Vitor Py
Vitor Py

Reputation: 5180

Concurrency and optimization using OpenMP

I'm learning OpenMP. To do so, I'm trying to make an existing code parallel. But I seems to get an worse time when using OpenMP than when I don't.

My inner loop:

    #pragma omp parallel for
    for(unsigned long j = 0; j < c_numberOfElements; ++j)
    {
        //int th_id = omp_get_thread_num();
        //printf("thread %d, j = %d\n", th_id, (int)j);

        Point3D current;
        #pragma omp critical
        {
            current = _points[j];
        }

        Point3D next = getNext(current);

        if (!hasConstraint(next))
        {
            continue;
        }

        #pragma omp critical
        {
            _points[j] = next;
        }
    }

_points is a pointMap_t, defined as:

typedef boost::unordered_map<unsigned long, Point3D> pointMap_t;

Without OpenMP my running time is 44.904s. With OpenMP enabled, on a computer with two cores, it is 64.224s. What I am doing wrong?

Upvotes: 0

Views: 1136

Answers (4)

Jonathan Dursi
Jonathan Dursi

Reputation: 50927

I agree that it would be best to see some working code.

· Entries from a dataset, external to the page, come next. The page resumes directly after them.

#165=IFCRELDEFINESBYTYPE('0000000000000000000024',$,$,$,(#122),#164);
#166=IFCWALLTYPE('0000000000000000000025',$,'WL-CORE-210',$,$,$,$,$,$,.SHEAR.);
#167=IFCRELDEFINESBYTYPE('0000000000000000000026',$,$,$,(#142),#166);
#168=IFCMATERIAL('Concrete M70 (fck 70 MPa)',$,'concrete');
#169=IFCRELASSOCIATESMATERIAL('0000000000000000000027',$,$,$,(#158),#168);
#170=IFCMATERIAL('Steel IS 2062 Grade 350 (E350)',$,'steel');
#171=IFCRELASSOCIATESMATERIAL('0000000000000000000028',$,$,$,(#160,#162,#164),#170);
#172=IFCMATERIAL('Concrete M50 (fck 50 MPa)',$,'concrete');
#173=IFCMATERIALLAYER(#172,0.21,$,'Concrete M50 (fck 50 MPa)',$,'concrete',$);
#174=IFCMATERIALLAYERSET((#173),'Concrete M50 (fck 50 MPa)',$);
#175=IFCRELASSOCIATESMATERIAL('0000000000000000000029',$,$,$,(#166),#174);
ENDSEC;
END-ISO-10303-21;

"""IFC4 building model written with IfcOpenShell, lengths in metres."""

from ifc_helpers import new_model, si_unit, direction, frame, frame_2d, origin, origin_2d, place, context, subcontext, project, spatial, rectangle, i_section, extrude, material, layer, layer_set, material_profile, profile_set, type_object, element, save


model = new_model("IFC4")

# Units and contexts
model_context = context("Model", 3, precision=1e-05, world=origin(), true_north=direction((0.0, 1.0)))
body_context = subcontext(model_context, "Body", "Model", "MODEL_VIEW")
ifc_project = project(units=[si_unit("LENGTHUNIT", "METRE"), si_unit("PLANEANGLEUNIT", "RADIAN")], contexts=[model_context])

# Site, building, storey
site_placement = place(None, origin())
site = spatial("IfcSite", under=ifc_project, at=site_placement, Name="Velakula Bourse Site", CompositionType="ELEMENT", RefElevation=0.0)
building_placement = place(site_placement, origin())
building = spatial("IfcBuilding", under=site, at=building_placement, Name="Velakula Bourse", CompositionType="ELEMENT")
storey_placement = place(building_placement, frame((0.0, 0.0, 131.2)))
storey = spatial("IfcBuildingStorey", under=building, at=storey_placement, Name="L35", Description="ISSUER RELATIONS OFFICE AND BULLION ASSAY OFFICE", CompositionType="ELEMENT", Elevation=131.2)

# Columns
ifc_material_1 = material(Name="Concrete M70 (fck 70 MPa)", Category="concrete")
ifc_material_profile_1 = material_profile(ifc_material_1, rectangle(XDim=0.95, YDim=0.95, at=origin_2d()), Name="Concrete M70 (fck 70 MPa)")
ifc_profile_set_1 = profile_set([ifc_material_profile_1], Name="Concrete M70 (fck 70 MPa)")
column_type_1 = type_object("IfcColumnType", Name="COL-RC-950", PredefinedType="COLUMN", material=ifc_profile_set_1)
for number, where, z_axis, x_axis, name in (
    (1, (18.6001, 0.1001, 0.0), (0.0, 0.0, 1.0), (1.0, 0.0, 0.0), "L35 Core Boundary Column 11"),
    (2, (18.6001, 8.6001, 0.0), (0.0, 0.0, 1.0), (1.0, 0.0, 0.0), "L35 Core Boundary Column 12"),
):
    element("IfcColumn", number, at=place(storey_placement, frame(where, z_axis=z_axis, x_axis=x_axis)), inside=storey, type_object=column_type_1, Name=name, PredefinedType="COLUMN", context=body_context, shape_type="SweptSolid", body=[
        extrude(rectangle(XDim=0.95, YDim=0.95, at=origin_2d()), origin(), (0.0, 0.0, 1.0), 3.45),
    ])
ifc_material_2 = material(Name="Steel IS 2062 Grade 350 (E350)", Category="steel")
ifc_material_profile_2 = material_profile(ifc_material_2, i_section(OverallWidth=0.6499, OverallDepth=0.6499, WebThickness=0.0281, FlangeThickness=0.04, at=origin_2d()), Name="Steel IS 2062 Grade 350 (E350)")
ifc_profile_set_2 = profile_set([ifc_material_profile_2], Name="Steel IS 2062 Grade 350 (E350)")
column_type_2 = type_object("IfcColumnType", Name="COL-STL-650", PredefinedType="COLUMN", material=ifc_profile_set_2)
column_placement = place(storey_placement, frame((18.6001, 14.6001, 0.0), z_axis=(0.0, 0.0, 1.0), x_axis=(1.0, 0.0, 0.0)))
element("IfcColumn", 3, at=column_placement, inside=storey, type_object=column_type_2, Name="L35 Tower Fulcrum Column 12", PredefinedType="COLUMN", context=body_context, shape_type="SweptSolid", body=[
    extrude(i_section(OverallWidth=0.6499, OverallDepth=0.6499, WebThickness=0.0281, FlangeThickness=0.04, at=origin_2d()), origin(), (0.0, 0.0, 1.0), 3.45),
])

The ultimate issue here is that there are criticals within a parallel region, and criticals are (a) enormously expensive in and of themselves, and (b) by definition, kill parallelism. The assignment to current certainl doesn't need to be inside a critical, as it is private; I wouldn't have thought the _points[j] assignment would be, either, but I don't know what the map stuff does, so there you go.

But you have a loop in which you have a huge amount of overhead, which grows linearly in the number of threads (the two critical regions) in order to do a tiny amount of actual work (walk along a linked list, it looks like). That's never going to be a good trade...

Upvotes: 0

florin
florin

Reputation: 14326

You need to show the rest of the code. From a comment to another answer, it seems you are using a map. That is really a bad idea, especially if you are mapping 0..n numbers to values: why don't you use an array?

If you really need to use containers, consider using the ones from the Intel's Thread Building Blocks library.

Upvotes: 0

Steve Townsend
Steve Townsend

Reputation: 54128

It seems possible that the lookup and write to _points in critical sections is dragging down the performance when you use OpenMP. Single-threaded, this will not result in any contention.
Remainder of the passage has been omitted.